We have previously held that where the failure to name the correct party in the original complaint is a mistake in nomenclature, subsequent amendments will be allowed to relate back to the original date of filing. Jiminez v. State, Dep't of Prisons, 98 Nev. 204, 644 P.2d 1023 (1982). However, certain restrictions have been placed on the use of doe pleadings. See Lunn v. American Maintenance Corp., 96 Nev. 787, 618 P.2d 343 (1980). Lunn held that the test used in Servatius v. United Resort Hotels, 85 Nev. 371, 455 P.2d 621 (1969) was also the proper test for evaluating the substitution of named defendants for doe defendants. This test has three parts: 1) Did the proper defendant have actual notice of the institution of the action?, 2) Did it know it was the proper defendant in the action?, and 3) Was the proper defendant in any way misled to its prejudice?

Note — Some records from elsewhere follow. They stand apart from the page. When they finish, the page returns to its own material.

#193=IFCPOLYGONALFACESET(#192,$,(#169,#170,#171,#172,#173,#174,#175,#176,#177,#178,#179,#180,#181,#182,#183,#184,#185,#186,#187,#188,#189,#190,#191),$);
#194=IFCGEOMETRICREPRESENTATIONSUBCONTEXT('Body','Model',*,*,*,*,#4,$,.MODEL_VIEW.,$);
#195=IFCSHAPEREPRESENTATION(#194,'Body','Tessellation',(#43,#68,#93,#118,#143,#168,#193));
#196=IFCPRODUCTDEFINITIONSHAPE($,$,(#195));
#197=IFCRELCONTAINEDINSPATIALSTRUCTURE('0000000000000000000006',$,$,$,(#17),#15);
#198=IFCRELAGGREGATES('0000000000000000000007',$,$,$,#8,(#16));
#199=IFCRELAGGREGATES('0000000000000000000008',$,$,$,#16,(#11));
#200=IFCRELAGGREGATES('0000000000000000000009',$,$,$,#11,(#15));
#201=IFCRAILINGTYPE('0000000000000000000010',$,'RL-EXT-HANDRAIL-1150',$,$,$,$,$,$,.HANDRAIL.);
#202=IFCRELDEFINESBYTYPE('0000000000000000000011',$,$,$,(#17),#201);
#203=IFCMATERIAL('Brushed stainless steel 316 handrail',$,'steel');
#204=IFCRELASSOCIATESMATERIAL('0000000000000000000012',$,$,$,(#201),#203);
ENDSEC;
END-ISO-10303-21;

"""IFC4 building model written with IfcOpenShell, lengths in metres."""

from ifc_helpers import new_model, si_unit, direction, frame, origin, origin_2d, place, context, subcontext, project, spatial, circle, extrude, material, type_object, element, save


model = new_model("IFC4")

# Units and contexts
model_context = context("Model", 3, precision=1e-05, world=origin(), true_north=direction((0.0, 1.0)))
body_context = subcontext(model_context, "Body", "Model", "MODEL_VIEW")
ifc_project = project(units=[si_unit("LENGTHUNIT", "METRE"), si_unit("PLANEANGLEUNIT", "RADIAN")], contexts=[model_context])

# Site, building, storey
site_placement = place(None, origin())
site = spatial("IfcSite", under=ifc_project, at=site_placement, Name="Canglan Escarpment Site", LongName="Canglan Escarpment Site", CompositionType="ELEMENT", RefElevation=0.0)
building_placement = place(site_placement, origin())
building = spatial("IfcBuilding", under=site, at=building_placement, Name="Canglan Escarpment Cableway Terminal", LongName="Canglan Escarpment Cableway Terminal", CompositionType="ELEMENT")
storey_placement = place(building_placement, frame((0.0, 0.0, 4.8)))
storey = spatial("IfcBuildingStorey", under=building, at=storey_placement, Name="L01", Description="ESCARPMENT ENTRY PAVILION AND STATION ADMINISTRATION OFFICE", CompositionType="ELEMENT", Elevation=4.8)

We have heretofore embraced this analysis in an attempt to avoid conflict between the basic purposes of the statutes of limitation: plaintiffs should have a reasonable time to discover, but potential defendants should be protected from stale suits and the loss of their defenses.
Collins had no connection with Sproul Homes, other than the purchase of the trucks. Therefore, it had no notice of the action at the time it was instituted. Neither did Collins have any way of knowing it was the proper defendant in Driscoll's lawsuit. Finally, we note that Collins was undoubtedly prejudiced by appellant's delay in filing his second amended complaint. Before it was served with the complaint, Collins had dissolved as a corporation and had sold the four trucks it bought from Sproul Homes. It no longer had the records necessary to identify who had driven the trucks that day, or the roads on which the trucks had been driven. Appellant thus failed to meet the most critical criterion of the three-part test of Servatius, and the district court did not err in granting respondent's motion to dismiss. Lunn, supra, 96 Nev. at 790, 618 P.2d at 345.
Collins claimed it did have records which showed that none of its tie-down winches were reported lost at the time of Driscoll's accident. While this fact is not dispositive, it does tend to show that Collins had no notice of a possible lawsuit.
We are mindful of the difficulties sometimes encountered by plaintiffs in their attempts to identify proper party defendants. Driscoll cannot be blamed for his memory loss, since it was the direct result of the tort committed upon him. In such a case we are reluctant to apply the strict rule set by State ex rel. Dep't of Hwys. v. District Court, 95 Nev. 715, 601 P.2d 710 (1979). That case limited the application of NRCP 10(a) to a mere change in nomenclature of a defendant, and refused to extend the concept of relation back to a defendant whose identity was unknown. We question whether this narrow interpretation is in keeping with the underlying purpose of the rule, and in an appropriate case, we may be disposed to reconsider it. Upon the facts of this case, however, we are not convinced that the expansive interpretation of NRCP 10(a) desired by the appellant should be applied.
We conclude the district court did not err in granting respondent Collins' motion to dismiss.